The voicemail was replied to as soon as she could get her body to move, patching through a call to Dublin. ‘Ms Stewart?’ Ash whispered down the line as it was picked up by a groggy female voice. Damn. She hadn’t considered the time difference; it could be anything after midnight. There was some rustling, a throat clearing.
‘Miss DeMorgan?’ She could just picture the woman checking out the international caller ID and the time and wondering why the hell she’d decided to answer.
‘I’m sorry, I just got your message and ...’ She trailed off as Ms Stewart put her business clothes on and turned her sleepy to sympathy, speaking words Ash never thought she’d hear. Her Grandmother, one she’d hardly known, had suffered a debilitating stroke and required nursing home care.
‘Ms DeMorgan has left a lot of loose ends, a lot of documents lost and hidden. You have been granted Power of Attorney in the case of impairment in her mental judgement. We would need you to come to Dublin.’
Ash very nearly dropped the phone in shock as memories of those bizarre months spent in her grandmother’s care as a child came crawling into the light.
CHAPTER THREE
'Ladies and gentlemen, as we start our descent, please make sure your seat backs and tray tables are in their full upright position ...’
The announcement cut off whatever other piece of advice the wrinkled lady beside her had been about to bestow, in all her crazy wisdom. Hours had passed this way, stories of mad men on the streets of Dublin had spewed from the gossiping, fluorescent-pink lips of her travelling companion. And all Ash could do was fluff her hair over her ears and answer the probing, far too personal questions the woman hounded into her.

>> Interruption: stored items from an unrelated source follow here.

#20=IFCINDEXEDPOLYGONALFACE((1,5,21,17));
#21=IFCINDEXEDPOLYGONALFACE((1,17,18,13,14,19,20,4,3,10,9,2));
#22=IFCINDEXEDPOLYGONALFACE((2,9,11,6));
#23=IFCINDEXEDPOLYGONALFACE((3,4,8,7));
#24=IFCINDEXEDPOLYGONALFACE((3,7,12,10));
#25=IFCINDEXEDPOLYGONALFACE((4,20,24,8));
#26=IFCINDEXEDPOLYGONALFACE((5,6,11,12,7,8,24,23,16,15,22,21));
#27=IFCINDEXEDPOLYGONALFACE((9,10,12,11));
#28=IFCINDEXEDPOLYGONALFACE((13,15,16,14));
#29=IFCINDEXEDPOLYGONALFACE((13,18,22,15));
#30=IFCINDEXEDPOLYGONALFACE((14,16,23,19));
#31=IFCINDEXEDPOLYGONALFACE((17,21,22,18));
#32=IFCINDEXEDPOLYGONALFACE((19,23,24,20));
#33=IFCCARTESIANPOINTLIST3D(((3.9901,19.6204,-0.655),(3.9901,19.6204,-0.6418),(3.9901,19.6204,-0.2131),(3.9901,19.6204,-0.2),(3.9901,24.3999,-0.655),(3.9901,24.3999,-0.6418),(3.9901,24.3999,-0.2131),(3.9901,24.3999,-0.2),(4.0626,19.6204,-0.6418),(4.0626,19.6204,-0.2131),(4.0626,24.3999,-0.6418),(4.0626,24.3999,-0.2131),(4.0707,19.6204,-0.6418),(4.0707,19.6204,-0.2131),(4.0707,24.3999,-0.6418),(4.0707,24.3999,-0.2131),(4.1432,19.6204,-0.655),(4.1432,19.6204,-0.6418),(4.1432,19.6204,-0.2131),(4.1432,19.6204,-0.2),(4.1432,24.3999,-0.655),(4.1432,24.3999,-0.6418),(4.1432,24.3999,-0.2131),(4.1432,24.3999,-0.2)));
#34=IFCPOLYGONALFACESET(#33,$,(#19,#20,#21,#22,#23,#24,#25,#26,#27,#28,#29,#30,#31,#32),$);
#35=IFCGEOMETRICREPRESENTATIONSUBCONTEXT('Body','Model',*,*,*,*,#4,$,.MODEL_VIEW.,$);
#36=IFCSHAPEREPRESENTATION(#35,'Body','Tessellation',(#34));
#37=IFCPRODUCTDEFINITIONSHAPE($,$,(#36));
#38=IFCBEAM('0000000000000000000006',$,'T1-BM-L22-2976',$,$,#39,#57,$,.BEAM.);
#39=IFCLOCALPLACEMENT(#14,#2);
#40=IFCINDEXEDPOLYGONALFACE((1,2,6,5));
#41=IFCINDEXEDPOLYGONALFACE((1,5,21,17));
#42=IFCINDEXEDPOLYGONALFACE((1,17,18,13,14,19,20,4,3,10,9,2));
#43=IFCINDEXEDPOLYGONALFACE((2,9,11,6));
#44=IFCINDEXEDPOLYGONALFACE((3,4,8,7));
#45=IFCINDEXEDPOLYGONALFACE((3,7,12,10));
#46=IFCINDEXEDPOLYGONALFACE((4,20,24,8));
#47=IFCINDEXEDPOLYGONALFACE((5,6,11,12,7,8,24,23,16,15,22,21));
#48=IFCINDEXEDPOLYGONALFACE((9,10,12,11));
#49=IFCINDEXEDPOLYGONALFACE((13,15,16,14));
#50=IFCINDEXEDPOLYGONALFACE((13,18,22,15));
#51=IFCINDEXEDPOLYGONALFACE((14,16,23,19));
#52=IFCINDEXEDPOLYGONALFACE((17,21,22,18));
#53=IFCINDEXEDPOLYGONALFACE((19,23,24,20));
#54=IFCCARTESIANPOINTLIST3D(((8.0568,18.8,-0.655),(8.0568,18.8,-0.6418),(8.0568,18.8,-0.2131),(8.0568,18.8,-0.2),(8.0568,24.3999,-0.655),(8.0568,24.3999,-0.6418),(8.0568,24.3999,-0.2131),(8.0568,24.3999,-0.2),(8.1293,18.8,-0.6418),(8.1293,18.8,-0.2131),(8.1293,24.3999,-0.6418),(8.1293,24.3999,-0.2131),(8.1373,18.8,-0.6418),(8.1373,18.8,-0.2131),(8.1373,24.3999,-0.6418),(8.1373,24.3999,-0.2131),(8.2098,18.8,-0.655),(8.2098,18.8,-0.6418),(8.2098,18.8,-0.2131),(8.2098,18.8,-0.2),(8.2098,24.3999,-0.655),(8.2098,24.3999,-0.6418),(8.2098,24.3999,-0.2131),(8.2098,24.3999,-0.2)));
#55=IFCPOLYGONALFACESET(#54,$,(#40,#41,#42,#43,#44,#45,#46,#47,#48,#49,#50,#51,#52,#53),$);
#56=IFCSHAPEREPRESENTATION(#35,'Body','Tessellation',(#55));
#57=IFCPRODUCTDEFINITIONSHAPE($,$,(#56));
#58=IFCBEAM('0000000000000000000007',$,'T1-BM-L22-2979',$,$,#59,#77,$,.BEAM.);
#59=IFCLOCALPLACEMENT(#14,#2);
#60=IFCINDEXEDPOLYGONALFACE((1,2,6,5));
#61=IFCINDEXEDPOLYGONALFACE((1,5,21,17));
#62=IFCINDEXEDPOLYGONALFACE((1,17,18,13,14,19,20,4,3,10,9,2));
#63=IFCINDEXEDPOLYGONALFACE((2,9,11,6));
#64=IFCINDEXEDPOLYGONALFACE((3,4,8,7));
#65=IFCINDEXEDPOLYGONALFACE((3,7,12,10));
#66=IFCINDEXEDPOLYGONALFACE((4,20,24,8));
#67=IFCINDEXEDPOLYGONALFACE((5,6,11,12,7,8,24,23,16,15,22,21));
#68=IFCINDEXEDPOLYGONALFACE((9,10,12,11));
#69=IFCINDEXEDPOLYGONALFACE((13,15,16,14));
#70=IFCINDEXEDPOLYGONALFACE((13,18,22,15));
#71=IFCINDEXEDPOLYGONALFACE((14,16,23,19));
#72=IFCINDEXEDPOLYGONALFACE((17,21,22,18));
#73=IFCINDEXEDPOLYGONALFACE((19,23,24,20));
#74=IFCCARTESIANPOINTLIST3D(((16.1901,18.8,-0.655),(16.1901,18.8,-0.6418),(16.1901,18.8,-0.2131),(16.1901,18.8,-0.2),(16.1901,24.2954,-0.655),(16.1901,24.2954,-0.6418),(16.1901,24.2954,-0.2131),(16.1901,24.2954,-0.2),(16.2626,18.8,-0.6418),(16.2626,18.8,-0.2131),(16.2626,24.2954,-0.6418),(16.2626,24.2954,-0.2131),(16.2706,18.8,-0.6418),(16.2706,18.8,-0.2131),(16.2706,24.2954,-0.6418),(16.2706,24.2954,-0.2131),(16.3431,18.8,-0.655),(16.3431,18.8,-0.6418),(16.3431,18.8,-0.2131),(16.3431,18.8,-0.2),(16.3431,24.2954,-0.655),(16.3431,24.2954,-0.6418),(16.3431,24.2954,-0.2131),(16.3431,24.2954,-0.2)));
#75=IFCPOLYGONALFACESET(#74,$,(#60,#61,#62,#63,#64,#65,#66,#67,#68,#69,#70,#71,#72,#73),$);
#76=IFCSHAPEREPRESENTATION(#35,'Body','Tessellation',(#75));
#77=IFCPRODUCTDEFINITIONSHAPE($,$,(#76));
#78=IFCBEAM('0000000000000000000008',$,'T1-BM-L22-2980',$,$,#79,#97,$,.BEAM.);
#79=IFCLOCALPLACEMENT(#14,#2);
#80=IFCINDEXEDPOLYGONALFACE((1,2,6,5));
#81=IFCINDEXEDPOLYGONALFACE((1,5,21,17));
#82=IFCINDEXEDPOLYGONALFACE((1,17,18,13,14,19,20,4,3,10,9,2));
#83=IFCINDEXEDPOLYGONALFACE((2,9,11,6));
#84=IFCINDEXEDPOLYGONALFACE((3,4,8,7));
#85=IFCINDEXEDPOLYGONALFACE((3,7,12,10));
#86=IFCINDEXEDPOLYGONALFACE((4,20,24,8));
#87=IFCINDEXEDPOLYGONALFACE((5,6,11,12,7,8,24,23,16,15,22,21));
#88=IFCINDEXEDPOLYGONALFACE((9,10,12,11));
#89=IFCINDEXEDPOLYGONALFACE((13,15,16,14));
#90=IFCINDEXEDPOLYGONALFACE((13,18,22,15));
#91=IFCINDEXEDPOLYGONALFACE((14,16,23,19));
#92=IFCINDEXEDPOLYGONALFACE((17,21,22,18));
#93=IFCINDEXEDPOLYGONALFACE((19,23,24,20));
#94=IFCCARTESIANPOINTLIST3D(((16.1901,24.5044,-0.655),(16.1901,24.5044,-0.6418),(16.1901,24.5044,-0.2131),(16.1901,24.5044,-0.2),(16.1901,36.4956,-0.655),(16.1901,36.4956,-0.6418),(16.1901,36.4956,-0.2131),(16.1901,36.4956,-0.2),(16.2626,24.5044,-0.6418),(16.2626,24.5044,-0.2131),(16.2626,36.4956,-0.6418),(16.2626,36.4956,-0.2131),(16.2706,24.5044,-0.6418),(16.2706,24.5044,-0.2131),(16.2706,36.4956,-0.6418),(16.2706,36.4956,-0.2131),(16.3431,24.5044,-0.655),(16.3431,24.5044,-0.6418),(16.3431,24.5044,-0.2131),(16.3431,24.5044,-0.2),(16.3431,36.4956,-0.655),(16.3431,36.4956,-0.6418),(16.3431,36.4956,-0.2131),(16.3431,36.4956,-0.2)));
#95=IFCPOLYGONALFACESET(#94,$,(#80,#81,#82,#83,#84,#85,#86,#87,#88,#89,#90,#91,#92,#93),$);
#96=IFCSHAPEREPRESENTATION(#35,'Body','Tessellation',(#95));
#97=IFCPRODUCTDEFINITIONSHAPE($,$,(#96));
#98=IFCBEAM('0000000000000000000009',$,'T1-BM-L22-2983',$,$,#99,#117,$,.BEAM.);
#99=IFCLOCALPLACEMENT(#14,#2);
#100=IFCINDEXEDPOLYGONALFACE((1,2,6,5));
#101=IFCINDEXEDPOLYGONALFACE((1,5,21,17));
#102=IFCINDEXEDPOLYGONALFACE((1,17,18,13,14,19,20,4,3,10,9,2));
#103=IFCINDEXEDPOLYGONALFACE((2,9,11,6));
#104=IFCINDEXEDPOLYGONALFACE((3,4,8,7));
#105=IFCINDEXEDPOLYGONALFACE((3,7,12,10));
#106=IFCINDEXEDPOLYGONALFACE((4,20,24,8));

‘Where are you going? ... Oh, right in the centre. How lovely! You’ll be close to the bars then, won’t you? ... Pretty young thing like you should be wary going down there alone. All types out and about these days, not like it used to be.’ Ash had answered as pleasantly as she could, feeling the weight of the lady’s stare like a gavel about to be dropped. Even the small Christ hanging from a chain of rosary beads seemed to judge her, as chubby, wrinkled fingers rolled the crucifix, demanding Ash’s attention to the gold piece. Ever since the woman had point blank asked her if the Lord protected her flight this day, and Ash’s answer had been less than pleasing, the religious icon had been in her face, trying to hypnotise her to another faith.
‘That’s a lovely coat.’ Only once did she drop the beads, and that was to stroke her fingers over the arm of Ash’s bright red, crushed velvet, satin lined coat. ‘I prefer a less loud colour myself, so as not to draw attention.’ A small dig, veiled in a compliment and Ash had to stop her eyes from rolling right out of their sockets. The woman may as well have patted her on the head while telling her she would have a blossoming career as a hooker.

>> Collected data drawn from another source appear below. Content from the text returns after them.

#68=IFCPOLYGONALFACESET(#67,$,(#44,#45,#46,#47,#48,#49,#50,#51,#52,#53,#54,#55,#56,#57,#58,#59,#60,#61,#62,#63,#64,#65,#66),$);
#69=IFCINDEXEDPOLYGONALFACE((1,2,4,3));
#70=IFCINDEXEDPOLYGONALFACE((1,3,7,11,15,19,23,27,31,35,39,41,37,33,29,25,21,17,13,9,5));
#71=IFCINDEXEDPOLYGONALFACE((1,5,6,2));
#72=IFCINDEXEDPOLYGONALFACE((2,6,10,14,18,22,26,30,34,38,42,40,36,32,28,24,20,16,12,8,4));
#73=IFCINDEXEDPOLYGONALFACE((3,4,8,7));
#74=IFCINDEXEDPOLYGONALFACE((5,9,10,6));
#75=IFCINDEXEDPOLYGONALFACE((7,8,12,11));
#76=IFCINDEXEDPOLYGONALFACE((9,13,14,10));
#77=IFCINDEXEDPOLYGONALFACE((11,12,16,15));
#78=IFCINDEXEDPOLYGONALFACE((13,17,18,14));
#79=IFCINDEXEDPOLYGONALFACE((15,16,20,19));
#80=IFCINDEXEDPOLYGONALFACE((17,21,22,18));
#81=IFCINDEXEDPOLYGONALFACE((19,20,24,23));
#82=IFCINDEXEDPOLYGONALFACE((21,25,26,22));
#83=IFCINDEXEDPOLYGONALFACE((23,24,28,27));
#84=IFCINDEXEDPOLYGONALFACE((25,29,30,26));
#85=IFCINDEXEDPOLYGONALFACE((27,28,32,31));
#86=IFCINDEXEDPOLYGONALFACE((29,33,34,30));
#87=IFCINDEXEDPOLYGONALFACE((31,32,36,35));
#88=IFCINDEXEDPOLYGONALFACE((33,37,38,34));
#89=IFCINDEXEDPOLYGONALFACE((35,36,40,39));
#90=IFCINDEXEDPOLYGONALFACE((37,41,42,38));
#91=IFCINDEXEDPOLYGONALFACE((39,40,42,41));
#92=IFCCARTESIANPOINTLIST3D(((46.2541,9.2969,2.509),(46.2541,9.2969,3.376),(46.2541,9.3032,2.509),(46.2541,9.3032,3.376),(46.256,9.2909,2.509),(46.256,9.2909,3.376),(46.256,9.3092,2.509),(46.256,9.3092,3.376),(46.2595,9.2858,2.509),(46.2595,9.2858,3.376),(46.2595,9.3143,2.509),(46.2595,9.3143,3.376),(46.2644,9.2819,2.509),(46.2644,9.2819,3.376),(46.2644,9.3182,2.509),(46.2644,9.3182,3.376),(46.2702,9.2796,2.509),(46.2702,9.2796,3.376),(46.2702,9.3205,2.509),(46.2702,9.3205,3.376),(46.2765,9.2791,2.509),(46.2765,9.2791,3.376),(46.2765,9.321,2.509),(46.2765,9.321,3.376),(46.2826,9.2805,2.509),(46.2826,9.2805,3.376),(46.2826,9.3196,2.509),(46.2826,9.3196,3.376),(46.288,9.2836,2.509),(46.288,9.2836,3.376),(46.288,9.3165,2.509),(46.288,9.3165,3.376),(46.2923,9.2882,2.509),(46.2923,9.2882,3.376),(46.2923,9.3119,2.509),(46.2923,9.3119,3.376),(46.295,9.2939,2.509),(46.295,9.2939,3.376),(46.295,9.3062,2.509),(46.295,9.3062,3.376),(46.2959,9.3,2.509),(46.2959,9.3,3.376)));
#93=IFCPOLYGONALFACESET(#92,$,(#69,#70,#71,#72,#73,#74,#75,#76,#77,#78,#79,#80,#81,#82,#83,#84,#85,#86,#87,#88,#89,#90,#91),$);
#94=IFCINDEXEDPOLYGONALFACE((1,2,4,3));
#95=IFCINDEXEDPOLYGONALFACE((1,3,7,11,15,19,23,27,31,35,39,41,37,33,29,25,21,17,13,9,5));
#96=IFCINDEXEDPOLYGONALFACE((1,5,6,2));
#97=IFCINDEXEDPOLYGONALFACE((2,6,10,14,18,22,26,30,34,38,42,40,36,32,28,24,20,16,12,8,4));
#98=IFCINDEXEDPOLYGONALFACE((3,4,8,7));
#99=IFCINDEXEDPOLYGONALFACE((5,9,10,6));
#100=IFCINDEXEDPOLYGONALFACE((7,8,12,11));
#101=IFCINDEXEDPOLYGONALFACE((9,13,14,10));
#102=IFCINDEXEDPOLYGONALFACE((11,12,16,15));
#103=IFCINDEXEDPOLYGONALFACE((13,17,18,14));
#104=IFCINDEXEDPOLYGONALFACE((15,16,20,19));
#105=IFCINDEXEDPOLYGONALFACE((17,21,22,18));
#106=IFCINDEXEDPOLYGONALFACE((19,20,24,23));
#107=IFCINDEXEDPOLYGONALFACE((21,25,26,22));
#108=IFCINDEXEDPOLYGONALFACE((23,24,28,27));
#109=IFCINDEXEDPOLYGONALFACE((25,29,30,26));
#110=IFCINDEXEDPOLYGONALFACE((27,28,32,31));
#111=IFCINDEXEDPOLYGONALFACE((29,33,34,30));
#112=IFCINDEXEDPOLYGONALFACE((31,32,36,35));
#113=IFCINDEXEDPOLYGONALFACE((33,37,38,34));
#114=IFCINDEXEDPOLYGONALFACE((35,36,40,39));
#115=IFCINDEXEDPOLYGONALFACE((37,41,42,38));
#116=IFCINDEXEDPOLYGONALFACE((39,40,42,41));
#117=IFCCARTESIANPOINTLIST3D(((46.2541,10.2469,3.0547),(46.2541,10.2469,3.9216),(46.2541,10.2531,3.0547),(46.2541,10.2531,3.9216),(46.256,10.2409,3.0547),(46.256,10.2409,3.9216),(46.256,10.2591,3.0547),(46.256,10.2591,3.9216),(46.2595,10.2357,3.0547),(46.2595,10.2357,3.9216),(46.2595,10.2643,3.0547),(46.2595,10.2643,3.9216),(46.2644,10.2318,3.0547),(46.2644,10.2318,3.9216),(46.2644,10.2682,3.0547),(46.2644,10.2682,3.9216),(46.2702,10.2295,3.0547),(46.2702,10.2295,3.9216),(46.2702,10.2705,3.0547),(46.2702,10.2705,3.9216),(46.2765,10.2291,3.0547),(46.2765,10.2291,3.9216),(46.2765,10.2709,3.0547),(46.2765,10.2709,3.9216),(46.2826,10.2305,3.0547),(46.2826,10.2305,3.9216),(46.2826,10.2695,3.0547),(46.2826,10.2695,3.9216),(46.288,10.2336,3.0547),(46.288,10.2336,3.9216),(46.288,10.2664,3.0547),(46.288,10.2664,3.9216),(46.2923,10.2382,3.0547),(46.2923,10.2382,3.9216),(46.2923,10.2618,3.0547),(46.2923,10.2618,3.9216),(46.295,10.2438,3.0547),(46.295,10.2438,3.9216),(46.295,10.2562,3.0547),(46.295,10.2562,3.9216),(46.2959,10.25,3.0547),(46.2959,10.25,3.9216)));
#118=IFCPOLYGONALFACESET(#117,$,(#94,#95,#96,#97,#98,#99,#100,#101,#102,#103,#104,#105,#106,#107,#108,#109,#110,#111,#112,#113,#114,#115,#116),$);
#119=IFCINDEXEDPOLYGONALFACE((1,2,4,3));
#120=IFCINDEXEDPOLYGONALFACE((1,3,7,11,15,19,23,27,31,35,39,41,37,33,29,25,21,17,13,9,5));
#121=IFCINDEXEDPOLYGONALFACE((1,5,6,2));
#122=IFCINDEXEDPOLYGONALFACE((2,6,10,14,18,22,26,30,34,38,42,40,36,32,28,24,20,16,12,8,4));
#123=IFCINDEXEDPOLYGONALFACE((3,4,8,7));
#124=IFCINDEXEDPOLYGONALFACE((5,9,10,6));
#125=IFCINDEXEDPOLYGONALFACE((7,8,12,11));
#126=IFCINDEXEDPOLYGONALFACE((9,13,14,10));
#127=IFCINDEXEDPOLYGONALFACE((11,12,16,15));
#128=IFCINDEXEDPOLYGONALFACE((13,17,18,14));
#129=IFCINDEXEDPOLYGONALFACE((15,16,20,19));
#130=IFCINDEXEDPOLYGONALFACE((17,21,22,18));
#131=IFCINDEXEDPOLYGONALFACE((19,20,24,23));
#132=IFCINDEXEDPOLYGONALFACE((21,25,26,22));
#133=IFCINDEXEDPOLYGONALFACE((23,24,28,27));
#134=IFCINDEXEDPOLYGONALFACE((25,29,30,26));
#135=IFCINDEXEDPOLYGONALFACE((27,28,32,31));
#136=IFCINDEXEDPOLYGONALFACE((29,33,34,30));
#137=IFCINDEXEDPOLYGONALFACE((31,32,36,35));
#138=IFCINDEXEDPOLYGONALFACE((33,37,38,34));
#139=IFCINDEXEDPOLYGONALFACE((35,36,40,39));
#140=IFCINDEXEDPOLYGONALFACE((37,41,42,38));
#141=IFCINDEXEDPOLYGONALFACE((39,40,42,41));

‘You’re not one to do the drugs, are you?’ Ash had started at the sudden switch in topic, from coat to drugs in less time than it took for the woman to blink. Her head had shaken, face masked in confusion. ‘Well you’re a good girl then. Don’t you be taking anything anyone offers you. You can guarantee it won’t be sweeties they’re handing you.’ The woman had then launc
hed off down a completely different path and left Ash stumbling to follow in the zig-zagging lines of inquisition.

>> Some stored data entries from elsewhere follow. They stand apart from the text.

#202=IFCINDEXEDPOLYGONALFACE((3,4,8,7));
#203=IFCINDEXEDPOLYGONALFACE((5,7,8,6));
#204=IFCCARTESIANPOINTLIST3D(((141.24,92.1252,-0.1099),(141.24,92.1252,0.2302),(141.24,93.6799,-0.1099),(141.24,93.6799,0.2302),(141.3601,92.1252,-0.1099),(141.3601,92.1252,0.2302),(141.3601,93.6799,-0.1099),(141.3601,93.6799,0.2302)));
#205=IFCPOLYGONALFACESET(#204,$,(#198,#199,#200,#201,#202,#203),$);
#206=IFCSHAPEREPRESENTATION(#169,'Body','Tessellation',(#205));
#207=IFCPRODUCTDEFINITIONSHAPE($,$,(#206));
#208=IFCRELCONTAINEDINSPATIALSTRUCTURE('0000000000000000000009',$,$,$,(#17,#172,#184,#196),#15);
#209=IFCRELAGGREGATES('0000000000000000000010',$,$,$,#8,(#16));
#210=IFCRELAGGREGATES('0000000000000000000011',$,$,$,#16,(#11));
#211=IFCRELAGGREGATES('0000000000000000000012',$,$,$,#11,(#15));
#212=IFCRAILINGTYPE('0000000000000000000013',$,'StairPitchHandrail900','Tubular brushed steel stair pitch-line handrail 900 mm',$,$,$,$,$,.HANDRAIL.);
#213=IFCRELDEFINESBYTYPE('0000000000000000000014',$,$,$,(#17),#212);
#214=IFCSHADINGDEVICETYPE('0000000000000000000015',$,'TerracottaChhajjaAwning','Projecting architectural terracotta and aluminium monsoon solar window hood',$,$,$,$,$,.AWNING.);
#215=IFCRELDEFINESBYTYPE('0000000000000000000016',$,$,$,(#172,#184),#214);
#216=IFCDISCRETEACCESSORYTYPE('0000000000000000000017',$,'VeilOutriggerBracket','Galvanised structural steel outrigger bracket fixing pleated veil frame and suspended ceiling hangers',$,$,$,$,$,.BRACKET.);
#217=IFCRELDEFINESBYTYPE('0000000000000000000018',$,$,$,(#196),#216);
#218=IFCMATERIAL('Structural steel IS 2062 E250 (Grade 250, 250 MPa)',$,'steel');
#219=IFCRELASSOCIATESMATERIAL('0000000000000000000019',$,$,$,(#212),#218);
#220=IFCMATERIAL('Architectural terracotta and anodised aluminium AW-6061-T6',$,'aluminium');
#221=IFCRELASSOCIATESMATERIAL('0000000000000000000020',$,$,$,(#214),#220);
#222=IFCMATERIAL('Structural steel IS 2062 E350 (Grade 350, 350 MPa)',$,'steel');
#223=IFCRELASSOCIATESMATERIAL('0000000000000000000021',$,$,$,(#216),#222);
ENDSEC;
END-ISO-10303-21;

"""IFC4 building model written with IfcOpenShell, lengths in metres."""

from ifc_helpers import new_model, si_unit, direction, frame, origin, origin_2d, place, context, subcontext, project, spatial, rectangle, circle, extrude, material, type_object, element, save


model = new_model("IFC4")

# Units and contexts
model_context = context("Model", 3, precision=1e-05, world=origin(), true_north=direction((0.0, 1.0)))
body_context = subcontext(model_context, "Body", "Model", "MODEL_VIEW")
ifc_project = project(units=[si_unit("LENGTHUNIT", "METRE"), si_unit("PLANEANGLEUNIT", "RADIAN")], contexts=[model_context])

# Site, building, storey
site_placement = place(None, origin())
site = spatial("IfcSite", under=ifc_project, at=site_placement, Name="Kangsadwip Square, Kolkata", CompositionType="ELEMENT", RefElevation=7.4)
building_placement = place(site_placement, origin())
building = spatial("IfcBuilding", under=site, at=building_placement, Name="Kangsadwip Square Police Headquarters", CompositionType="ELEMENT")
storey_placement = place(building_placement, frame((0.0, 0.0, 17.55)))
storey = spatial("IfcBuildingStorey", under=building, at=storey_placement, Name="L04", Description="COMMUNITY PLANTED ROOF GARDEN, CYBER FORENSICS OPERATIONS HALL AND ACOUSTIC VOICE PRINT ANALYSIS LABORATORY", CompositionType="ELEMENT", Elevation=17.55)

‘Do you have family there, dear? She’s ill? Oh, no. Well, you’ll have to be getting some friends around you. Lonely isn’t safe on the streets, there are many church youth groups that would be happy to take you in, show you the good side of town ... The whole city has gone to the dogs, it won’t be as you remember, dear.’ Biting her tongue, Ash had chosen not to tell the woman that what she remembered was probably way worse than anything the city had to offer now, and simply smiled noncommittally as the droning continued. ‘And then with the earthquake! Oh it was the worst thing. Not a big one mind, but it shook the ground up some. A warning from God, no doubt. Trying to frighten the sin from the streets.’ The wrinkled face had nodded, sure it had been God’s wrath trembling the earth. It had turned to random babble as the hours passed, the silence of her neighbour only coming when sleep had taken the old woman and turned her lips to snoring instead.